AACS Cracked — That didn’t take long.

Saturday, December 30th, 2006

This piece from Engadget is reporting how a hacker broke AACS, the encryption that is used by both Blue Ray and HD-DVD.

AACS DRM cracked by BackupHDDVD tool? - Engadget
Can it be? Is Hollywood’s new DRM posterchild AACS (Advanced Access Content System, see more here) actually quite breakable? According to a post on our favoritest of forums (Doom9) by DRM hacker du jour muslix64, his new BackupHDDVD tool decrypts and dismantles AACS on a Windows PC. Just feed the small utility a crypto key.

I am hardly a rocket scientist, especially when it comes to cryptography, but how can any REAL copy protection be achieved, Assuming that every Blue-Ray or HD-DVD player has to decrypt every disc that it plays, The key(s) for the media has to be found somewhere on the disc or every possible key has to hardcoded somewhere in the player. Either way its like writing your PIN on the back of your ATM card. Like any cryptographic system, the vulnerability is not the cryptography but how to deliver keys in a secure way.

Dap: /.

Latest Attack on Fair Use

Wednesday, May 3rd, 2006

A New telecom bill lacks any Net neutrality provisions also throws a bone to the MPAA & RIAA outlawing digital receivers that allow you to record with out any DRM.

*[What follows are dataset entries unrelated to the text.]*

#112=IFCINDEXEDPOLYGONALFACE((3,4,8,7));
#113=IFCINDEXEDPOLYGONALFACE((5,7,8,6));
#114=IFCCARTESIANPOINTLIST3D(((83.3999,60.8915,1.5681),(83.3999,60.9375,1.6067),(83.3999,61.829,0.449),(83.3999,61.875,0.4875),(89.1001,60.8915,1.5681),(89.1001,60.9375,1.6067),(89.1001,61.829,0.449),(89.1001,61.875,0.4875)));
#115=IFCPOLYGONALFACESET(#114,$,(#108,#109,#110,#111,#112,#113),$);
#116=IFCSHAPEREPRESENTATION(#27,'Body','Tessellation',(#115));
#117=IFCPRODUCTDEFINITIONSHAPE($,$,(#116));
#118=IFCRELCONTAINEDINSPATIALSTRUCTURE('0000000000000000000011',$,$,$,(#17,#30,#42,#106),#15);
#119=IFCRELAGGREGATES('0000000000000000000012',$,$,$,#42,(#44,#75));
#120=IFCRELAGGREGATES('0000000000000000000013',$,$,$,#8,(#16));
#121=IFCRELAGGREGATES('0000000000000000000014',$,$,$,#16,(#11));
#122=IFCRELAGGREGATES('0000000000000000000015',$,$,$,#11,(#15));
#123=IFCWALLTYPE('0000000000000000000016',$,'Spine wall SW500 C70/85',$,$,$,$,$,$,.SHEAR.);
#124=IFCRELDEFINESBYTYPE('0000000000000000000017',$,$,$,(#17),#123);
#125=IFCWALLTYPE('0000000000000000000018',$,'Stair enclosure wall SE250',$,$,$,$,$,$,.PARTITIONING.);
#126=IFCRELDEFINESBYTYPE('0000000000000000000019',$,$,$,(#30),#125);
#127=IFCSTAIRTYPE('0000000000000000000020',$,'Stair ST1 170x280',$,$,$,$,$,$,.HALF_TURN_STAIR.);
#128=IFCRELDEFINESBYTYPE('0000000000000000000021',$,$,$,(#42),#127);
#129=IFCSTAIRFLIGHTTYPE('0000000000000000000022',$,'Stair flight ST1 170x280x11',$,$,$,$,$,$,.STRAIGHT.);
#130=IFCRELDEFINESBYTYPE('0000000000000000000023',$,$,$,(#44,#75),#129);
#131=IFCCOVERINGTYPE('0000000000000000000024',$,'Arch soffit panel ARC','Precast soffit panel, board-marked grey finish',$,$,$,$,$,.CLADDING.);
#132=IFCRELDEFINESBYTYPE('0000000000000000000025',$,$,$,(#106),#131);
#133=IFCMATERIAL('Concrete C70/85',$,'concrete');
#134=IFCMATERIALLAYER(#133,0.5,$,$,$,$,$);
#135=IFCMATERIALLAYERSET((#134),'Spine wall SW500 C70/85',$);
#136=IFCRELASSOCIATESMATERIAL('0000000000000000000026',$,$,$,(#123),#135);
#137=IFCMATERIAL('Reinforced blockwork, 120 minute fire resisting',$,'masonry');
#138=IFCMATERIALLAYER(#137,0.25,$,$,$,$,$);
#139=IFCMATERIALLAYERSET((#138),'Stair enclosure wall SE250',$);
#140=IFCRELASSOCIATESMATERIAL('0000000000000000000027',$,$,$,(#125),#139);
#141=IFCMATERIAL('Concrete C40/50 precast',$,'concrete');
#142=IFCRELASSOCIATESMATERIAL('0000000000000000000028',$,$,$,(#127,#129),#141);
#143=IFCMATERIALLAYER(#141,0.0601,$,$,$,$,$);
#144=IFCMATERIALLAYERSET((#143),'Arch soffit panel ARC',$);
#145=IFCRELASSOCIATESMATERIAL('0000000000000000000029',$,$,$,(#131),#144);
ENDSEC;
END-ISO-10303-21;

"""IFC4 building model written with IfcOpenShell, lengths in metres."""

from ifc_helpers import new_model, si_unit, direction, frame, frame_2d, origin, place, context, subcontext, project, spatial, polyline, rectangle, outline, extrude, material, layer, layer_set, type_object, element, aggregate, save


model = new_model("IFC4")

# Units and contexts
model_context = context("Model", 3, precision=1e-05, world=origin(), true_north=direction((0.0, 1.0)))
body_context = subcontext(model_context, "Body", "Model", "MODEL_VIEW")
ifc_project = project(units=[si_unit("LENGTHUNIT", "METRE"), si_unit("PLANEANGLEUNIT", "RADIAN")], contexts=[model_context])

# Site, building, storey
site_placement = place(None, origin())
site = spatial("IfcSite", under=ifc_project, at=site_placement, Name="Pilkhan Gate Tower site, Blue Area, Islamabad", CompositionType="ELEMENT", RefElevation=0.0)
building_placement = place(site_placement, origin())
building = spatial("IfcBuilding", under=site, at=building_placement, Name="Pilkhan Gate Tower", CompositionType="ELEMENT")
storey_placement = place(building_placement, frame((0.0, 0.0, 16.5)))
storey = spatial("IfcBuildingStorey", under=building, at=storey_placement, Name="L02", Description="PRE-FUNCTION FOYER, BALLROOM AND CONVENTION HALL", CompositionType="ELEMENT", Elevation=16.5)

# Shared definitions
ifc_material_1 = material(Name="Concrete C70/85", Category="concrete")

Net neutrality missing from sweeping telecom bill | Tech News on ZDNet
Included in the massive proposal is, however, one requirement sure to please the recording industry: authorization for the FCC to start the process of outlawing digital over-the-air radio and digital satellite receivers sold today that permit users to record broadcasts. Those would be supplanted with receivers that will treat as copy-protected anything with an “audio broadcast flag” in the future.

Sony relents

Thursday, February 23rd, 2006

EFF Urges Consumers to Claim Clean CDs and Extra Downloads

San Francisco - The Electronic Frontier Foundation (EFF) is urging music fans who purchased Sony BMG music CDs containing flawed digital rights management (DRM) to submit their claims now for clean CDs and extra downloads as part of a class action lawsuit settlement.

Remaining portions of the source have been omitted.